Does the company deliver technical data or computer software?

As previously noted, when government contractors deliver commercial technical data and computer software as part of its contract performance, the government usually acquires rights to that data or a license to that computer software that the government contractor customarily provides to the public, or in the case of DoD contracts, rights in technical data that are narrower than the government’s rights to non-commercial technical data.19FAR 12.211, 12.212 For non-commercial technical data or computer software, however, the government can obtain certain rights depending on the source of funding as discussed above.20DFARS 252.227-7013, 252.227-7014. Because of this, government contractors should include an assertion of rights table in its government contracts to ensure that the government is clear about its rights in the technical data or computer software of the contractor and third parties delivered under the contract.21FAR 52.227-15(b); DFARS 252.227-7013(e), 252.227-7017(d). The government contractor should also ensure that the technical data or computer software is properly marked to show that it is subject to restriction.22FAR 52.227-14, Alt. II, Alt. III; DFARS 252.227-7013(f). Failure to properly include an assertion of rights table or to properly mark the IP may allow the government to assert unlimited rights in the technical data or computer software so potential buyers should obtain all information it can to determine whether the contractor has properly disclosed and marked the IP delivered to the government and maintained sufficient records to validate any restrictions.  
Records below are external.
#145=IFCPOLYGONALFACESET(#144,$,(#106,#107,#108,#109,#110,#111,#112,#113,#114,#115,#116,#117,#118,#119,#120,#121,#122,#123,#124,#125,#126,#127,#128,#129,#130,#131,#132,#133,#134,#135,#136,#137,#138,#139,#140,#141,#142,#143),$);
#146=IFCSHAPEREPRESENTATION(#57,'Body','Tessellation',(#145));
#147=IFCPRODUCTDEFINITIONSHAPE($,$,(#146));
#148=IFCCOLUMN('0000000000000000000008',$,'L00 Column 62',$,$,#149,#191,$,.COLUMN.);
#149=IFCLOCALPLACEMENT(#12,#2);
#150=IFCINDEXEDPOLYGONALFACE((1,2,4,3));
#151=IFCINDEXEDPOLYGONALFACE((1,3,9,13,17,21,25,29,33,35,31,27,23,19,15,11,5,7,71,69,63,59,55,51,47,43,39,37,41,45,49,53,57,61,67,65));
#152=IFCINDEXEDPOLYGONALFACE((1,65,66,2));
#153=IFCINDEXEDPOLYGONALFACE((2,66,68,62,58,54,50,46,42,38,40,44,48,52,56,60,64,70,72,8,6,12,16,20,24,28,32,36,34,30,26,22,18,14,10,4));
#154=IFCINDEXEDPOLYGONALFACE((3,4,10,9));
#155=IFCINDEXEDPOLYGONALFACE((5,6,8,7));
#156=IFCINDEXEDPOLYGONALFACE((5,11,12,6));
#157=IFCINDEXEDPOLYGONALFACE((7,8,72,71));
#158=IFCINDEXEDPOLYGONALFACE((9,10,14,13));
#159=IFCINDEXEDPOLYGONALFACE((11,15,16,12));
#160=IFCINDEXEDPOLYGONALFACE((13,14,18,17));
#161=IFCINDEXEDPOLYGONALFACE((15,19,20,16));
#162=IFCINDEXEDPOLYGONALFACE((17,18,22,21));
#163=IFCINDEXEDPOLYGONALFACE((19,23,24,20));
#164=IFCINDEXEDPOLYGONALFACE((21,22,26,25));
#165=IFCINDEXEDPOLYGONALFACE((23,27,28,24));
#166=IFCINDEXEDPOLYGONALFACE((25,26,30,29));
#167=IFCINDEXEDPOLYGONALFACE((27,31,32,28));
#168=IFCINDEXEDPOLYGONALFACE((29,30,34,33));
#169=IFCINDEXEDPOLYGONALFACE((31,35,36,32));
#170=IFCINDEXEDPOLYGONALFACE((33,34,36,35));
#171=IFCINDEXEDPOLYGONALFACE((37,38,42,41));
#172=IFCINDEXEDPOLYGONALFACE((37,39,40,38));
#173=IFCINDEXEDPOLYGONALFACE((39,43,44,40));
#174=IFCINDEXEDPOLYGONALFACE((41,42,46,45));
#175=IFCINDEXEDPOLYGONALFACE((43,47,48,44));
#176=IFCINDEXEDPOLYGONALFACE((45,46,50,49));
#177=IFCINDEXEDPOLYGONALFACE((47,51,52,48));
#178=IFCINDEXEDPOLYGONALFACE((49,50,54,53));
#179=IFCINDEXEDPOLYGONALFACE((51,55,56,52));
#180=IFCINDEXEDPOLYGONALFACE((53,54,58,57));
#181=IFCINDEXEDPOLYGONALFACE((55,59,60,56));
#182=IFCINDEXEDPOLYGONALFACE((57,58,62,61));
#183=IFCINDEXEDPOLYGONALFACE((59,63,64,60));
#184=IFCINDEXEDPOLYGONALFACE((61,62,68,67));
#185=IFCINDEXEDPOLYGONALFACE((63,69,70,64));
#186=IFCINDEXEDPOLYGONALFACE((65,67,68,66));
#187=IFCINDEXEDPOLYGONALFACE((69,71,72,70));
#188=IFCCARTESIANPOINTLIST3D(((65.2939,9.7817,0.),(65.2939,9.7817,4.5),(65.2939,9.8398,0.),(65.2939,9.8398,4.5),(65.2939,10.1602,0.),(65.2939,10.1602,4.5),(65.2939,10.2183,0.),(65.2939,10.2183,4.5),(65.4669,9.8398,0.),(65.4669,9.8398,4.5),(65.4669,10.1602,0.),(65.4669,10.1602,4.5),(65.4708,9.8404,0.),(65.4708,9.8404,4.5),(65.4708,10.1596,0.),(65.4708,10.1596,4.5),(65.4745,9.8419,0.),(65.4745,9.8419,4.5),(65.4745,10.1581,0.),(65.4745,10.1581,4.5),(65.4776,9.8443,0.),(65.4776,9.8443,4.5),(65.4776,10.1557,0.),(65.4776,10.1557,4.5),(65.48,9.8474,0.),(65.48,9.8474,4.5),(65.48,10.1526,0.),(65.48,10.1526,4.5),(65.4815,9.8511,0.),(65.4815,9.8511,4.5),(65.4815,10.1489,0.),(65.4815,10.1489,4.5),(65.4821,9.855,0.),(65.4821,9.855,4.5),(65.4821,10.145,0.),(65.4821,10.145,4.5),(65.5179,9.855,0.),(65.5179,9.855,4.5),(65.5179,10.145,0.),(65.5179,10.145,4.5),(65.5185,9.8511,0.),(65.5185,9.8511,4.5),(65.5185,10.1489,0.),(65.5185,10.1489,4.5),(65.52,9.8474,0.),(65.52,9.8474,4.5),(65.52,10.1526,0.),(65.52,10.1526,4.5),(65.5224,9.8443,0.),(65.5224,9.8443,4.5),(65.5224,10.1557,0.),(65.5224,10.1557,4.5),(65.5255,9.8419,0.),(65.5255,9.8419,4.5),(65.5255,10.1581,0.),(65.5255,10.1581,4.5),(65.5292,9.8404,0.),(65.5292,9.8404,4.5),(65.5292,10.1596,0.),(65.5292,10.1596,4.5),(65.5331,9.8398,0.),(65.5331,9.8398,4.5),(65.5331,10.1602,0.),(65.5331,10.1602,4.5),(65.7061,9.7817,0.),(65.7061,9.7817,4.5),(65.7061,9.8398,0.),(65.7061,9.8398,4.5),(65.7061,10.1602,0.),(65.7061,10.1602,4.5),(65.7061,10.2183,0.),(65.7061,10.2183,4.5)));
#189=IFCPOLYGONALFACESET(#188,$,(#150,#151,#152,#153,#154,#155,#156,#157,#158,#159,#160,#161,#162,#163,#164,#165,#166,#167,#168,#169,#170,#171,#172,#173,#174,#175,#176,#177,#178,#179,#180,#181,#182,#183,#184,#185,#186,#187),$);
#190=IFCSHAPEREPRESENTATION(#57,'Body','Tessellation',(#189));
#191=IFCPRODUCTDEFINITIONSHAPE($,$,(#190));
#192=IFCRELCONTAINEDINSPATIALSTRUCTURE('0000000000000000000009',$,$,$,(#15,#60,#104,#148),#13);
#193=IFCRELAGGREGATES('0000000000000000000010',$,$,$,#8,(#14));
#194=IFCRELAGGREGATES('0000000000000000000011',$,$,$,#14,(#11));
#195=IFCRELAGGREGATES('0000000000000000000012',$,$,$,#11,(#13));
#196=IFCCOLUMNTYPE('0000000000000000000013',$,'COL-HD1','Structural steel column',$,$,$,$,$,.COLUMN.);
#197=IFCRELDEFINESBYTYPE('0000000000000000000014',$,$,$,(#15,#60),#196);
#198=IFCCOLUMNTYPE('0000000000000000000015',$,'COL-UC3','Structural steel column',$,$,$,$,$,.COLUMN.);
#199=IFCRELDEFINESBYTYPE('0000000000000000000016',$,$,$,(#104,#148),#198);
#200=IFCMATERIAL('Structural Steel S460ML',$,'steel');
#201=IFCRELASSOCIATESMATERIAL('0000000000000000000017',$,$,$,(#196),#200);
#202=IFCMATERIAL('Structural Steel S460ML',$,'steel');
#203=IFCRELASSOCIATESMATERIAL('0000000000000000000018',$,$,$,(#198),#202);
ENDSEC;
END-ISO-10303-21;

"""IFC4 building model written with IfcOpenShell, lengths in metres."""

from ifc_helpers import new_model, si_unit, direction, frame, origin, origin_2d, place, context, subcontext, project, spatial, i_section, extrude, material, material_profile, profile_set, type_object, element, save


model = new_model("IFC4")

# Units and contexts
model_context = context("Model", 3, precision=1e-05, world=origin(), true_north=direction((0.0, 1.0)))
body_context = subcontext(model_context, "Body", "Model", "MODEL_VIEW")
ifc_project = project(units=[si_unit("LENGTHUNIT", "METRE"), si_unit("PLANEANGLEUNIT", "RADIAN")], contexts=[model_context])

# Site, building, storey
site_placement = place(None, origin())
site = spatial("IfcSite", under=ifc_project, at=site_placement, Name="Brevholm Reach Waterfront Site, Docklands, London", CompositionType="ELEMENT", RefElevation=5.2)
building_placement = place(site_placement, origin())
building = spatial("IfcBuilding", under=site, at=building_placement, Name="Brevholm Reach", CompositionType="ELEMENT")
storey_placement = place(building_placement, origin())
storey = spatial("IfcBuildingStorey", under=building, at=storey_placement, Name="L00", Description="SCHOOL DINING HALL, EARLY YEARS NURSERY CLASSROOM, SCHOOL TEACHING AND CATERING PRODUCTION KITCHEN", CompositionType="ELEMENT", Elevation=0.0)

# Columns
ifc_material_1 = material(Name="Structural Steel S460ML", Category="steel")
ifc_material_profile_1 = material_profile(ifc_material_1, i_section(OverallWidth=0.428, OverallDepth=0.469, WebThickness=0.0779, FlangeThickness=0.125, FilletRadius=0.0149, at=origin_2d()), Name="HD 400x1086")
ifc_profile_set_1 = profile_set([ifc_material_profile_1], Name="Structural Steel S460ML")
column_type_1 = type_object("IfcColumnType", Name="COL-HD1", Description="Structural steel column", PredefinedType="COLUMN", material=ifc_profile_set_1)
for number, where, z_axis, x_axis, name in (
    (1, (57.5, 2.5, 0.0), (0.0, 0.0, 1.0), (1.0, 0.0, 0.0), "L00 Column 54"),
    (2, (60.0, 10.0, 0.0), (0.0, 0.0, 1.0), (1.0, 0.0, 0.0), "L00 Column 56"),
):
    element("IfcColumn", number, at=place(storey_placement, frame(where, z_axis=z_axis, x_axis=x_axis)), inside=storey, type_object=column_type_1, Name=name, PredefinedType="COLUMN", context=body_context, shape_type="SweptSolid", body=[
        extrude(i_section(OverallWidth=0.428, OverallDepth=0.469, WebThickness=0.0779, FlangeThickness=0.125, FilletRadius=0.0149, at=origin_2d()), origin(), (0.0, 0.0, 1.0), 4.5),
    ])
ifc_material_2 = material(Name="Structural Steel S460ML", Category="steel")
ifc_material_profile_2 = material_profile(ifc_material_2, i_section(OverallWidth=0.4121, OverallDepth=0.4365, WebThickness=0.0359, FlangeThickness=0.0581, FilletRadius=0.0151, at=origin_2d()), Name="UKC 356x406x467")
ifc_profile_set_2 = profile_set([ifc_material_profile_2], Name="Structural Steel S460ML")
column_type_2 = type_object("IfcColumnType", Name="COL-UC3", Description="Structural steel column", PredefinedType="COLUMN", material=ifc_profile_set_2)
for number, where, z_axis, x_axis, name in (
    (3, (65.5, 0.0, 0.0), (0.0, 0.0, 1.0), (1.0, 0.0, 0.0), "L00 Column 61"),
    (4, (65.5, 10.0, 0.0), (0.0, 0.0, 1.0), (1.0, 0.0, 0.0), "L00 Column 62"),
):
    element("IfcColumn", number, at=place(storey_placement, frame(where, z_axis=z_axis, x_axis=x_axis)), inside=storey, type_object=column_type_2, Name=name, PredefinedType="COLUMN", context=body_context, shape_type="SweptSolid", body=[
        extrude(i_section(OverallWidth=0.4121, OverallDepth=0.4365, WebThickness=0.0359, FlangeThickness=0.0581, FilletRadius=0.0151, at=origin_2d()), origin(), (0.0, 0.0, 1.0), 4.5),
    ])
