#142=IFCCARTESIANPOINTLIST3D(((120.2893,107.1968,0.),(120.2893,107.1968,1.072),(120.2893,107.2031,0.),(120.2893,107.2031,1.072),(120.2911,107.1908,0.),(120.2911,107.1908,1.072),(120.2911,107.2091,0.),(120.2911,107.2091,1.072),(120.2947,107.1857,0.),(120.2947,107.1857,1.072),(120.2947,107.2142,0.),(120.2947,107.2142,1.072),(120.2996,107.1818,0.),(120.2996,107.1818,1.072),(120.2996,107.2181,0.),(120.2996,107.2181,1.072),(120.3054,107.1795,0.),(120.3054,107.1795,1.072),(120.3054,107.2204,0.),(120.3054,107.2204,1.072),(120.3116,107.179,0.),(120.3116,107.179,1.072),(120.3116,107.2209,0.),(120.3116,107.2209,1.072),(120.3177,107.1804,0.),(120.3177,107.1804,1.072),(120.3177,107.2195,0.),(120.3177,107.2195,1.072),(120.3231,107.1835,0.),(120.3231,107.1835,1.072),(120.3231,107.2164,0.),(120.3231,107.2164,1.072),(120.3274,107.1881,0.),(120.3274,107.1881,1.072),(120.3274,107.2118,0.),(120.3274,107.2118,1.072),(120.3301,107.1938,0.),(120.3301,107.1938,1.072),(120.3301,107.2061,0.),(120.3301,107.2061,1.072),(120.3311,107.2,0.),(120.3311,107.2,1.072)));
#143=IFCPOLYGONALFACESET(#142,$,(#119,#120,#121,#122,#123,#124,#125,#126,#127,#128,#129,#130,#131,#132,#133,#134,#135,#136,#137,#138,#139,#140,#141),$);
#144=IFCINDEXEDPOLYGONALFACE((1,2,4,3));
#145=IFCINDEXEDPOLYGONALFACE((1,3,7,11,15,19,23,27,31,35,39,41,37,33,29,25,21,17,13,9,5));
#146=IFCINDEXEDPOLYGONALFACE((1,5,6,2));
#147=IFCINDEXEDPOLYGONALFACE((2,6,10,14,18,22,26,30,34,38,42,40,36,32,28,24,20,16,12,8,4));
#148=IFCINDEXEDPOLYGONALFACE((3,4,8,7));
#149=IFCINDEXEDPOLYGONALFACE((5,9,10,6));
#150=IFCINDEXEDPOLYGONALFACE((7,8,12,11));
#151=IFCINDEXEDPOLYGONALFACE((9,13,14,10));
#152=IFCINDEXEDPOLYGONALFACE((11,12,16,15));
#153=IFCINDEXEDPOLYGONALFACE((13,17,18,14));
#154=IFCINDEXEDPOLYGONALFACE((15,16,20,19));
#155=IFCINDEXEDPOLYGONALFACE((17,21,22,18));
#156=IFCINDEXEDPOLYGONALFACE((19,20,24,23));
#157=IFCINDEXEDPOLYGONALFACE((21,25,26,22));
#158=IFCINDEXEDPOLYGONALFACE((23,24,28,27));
Buyers should also determine whether the government contractor has a system to review government proposals to identify where it can limit the scope of deliverables. For example, is the contractor in the practice of delivering source code or sensitive technical data?  A contractor who has never delivered source code and is not contractually obligated to do so through deferred ordering, has reduced the risk to the related IP.

For these reasons, whether the government contractor utilizes all the tools at its disposal to protect and control the distribution of its IP has a direct effect on the value of that IP and ultimately the value of the government contractor.

Conclusion

Many government contractors have created successful businesses by developing valuable IP for government agencies. Potential buyers of government contractors can assess that value by obtaining as much information as it can on the contractor’s IP and how it manages that IP. Buyers will be able to make informed decisions in mergers and acquisitions when it can obtain relevant information on how the government contractor funds the development of its IP, ensures that it obtains or retains title to the IP, and how it manages IP delivered to the government.